Sunday, November 27, 2016

100W Advent

Sermon preached at Our Lady of Walsingham and St Francis on the First Sunday in Advent 2016

As you flick the switch there is a pop, a brief flash of light, and then darkness. Yes, the bulb has gone. After a few minutes of trying to find the light-switch in the other room, sorting out any trips in the fuse box, and working steadily through that box of bulbs to find one that is a screw-in and not a pin bulb, you finally replace the bulb in the socket. And the light comes on!

Of course, you’ve managed to get the wrong power bulb. It’s a 100W bulb, not the 60W bulb you were expecting. And what happens?



Bright lights do hurt eyes that have got used to the darkness. You also get those annoying after-images which obscure your vision for a little while afterwards. It takes a little while to get used to the bright light, but when you do, in all the brightness, you realise that the room isn’t as clean as you thought, there’s more dust than you thought, and the cat seems to have shed more hair than its body-weight under the front of the sofa.

Bright lights hurt, and then they show things up. Why don’t we stick to the 60W light bulb?


And yet we pray for God to “give us grace that we may cast away the works of darkness, and put upon us the armour of light”. Surely we are aware that God’s light is more powerful, more searching than any 100W light bulb. God says, “Awake thou that sleepest, and arise from the dead, and Christ shall give thee light.” This doesn’t sound very comfortable, does it?


The trouble is that we Christians are destined to walk in the light while the world walks in darkness, and yet our eyes all too easily acclimatise to the dark and not the light. When the light comes on, it’s painful and uncomfortable and we see ourselves for what we are. St Paul warns us, ”The night is far spent, the day is at hand: let us therefore cast off the works of darkness, and let us put on the armour of light. Let us walk honestly, as in the day; not in rioting and drunkenness, not in chambering and wantonness, not in strife and envying.” We need the light to show us where we are living in the darkness, the times when we are walking away from God and not towards Him.

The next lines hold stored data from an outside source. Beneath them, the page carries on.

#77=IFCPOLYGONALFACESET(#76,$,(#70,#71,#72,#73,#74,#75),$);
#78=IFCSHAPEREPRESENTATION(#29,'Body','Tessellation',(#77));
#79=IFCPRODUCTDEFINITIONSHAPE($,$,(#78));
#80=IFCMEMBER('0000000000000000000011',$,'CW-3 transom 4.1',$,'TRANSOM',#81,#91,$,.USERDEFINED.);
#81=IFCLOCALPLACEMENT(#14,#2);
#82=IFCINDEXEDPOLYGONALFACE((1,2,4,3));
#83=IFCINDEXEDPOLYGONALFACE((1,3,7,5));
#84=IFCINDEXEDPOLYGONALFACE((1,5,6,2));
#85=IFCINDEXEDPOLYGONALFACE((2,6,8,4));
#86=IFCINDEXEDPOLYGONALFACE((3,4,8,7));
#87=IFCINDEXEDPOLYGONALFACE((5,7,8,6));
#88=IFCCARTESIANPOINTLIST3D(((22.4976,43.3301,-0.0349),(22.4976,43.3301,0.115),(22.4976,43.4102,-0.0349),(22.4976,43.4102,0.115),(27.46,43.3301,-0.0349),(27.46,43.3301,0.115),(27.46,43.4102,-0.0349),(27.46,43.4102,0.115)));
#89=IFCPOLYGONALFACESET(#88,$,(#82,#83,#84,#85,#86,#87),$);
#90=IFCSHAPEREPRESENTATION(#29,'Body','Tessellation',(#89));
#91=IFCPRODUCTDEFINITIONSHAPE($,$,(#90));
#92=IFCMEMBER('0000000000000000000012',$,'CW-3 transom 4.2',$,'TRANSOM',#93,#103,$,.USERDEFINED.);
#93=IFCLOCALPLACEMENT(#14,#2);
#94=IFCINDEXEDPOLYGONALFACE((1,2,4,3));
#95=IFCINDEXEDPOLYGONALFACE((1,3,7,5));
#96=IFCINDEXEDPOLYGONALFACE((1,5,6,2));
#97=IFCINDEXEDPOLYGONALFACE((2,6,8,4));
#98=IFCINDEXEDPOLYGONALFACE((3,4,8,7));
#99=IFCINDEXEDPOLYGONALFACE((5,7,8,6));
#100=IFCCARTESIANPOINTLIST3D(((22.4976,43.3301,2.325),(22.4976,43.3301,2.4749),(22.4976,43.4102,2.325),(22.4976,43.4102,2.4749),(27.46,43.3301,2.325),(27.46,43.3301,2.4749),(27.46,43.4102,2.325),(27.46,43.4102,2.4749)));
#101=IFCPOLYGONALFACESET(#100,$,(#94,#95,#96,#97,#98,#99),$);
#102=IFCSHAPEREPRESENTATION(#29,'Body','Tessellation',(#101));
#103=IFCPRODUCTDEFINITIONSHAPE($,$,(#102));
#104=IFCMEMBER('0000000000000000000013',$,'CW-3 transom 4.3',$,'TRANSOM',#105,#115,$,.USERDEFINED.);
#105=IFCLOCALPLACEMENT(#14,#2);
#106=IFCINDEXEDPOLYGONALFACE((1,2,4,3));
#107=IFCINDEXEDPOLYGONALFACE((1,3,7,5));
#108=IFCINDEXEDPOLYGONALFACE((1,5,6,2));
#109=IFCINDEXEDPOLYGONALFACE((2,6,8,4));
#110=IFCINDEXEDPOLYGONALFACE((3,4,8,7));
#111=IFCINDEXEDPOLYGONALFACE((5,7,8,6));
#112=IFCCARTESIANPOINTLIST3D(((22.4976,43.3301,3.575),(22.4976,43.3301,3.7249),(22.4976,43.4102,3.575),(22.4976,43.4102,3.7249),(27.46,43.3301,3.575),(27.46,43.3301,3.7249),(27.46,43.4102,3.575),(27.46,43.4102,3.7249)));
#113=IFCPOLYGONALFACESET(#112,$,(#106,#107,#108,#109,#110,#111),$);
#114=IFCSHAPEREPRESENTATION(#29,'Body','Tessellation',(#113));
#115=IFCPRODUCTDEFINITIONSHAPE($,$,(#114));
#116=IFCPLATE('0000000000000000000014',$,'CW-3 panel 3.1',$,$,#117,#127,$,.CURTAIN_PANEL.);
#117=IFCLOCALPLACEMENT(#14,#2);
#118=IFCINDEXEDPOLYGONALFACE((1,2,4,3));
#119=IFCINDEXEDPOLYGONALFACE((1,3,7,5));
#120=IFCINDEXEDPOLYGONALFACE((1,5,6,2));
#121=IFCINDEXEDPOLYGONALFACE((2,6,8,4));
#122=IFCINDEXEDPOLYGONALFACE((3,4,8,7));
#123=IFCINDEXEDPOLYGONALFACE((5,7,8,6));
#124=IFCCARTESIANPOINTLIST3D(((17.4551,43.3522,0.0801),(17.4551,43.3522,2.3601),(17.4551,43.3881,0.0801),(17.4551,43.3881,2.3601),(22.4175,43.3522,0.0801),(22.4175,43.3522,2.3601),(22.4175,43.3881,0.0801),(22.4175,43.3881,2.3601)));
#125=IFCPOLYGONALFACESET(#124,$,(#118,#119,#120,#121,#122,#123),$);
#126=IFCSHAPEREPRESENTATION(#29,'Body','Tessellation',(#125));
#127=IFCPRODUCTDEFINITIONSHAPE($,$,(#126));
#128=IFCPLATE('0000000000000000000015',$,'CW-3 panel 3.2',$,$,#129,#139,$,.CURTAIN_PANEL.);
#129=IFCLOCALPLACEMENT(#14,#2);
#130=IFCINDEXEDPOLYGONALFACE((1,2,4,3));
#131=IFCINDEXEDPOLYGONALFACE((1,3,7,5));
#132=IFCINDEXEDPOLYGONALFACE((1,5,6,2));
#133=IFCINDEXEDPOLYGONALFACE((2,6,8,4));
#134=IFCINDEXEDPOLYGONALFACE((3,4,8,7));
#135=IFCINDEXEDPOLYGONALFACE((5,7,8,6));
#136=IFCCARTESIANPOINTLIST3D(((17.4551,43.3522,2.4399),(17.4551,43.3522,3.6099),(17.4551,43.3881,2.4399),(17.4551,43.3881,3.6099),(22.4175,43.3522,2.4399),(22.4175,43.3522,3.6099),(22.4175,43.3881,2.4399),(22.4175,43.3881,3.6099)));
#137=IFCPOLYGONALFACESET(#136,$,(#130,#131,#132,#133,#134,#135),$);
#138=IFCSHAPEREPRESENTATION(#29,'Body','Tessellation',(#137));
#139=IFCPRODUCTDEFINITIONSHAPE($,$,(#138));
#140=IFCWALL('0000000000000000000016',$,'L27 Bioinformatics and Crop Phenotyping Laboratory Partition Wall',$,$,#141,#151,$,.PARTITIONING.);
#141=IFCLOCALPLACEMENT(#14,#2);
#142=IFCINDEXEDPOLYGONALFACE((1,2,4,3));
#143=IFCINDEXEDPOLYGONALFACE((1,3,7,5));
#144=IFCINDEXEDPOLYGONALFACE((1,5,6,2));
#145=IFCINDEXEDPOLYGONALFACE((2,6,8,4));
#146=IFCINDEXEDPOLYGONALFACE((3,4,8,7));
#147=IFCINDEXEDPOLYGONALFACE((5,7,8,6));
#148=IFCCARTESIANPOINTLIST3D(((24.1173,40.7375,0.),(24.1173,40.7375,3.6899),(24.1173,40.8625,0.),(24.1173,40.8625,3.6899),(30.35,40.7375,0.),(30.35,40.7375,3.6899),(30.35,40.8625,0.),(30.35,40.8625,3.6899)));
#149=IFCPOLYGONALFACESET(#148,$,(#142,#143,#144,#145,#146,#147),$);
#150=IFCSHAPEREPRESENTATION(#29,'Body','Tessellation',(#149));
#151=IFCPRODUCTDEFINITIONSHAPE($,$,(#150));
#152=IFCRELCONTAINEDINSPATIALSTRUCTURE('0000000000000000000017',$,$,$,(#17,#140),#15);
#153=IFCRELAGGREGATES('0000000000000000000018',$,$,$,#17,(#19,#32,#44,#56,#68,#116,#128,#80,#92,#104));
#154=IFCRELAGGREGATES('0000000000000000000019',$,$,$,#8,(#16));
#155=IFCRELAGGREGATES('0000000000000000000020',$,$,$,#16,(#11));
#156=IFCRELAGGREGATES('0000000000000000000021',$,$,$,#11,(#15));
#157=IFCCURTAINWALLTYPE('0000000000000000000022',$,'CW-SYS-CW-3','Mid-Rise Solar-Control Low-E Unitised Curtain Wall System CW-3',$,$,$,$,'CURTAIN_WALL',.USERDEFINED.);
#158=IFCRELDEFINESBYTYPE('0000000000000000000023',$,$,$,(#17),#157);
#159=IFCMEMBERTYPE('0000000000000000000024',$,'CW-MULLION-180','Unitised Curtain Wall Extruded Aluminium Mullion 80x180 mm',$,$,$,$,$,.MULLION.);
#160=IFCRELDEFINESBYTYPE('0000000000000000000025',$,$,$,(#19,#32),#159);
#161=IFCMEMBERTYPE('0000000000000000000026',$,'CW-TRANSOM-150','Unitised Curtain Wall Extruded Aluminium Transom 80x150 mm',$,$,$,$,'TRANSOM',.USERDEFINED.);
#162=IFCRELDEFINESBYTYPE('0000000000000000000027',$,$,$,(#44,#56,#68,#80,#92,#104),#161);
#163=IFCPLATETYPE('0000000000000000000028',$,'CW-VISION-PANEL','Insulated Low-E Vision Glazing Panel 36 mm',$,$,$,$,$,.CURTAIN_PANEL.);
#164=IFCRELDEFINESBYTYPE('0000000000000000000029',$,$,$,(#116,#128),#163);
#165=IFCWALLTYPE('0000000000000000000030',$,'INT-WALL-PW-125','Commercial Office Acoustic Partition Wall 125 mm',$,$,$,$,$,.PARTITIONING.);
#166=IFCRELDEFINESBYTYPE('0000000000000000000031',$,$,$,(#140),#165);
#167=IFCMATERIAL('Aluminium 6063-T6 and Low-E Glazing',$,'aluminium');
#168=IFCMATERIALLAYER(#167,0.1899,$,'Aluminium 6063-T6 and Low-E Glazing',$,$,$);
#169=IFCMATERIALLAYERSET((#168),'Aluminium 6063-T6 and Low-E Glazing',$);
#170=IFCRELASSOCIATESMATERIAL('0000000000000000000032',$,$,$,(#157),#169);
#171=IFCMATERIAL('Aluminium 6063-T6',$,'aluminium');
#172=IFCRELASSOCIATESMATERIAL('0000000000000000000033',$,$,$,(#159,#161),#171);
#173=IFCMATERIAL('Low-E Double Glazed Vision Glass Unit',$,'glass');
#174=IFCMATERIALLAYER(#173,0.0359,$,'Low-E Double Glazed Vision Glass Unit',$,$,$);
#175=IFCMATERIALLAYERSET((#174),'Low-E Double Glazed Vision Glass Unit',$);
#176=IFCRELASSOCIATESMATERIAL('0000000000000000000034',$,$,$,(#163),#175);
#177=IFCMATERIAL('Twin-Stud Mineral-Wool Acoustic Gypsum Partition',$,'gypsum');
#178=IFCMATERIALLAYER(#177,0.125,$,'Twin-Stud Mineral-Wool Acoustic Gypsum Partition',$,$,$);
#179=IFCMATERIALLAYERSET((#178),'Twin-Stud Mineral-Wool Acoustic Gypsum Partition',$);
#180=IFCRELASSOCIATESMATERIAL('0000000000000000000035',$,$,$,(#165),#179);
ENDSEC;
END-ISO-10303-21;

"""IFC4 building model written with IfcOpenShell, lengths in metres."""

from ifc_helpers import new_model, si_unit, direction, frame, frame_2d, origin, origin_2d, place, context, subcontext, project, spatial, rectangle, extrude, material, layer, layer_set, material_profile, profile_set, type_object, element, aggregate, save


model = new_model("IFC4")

If we love God, then we will allow Him to shine His light on us. It will hurt, but not for long if we allow our eyes through His grace to get used to His light. We will also get after-images, shadows of our past life of sin sent by the Devil to try and tempt us to shut out the light so we can’t see them. We must allow them to pass by confessing our sin and yet turning ever more fully to the light.

This Advent, let us ask God to shed His light on us and help us turn to Him more closely. Let us remember that Advent is as much a time for self-examination as Lent so that we may receive Christ anew into our hearts. That way, the lights of Christmas will shine more brightly for us as we have the Eternal Light blazing away in our lives.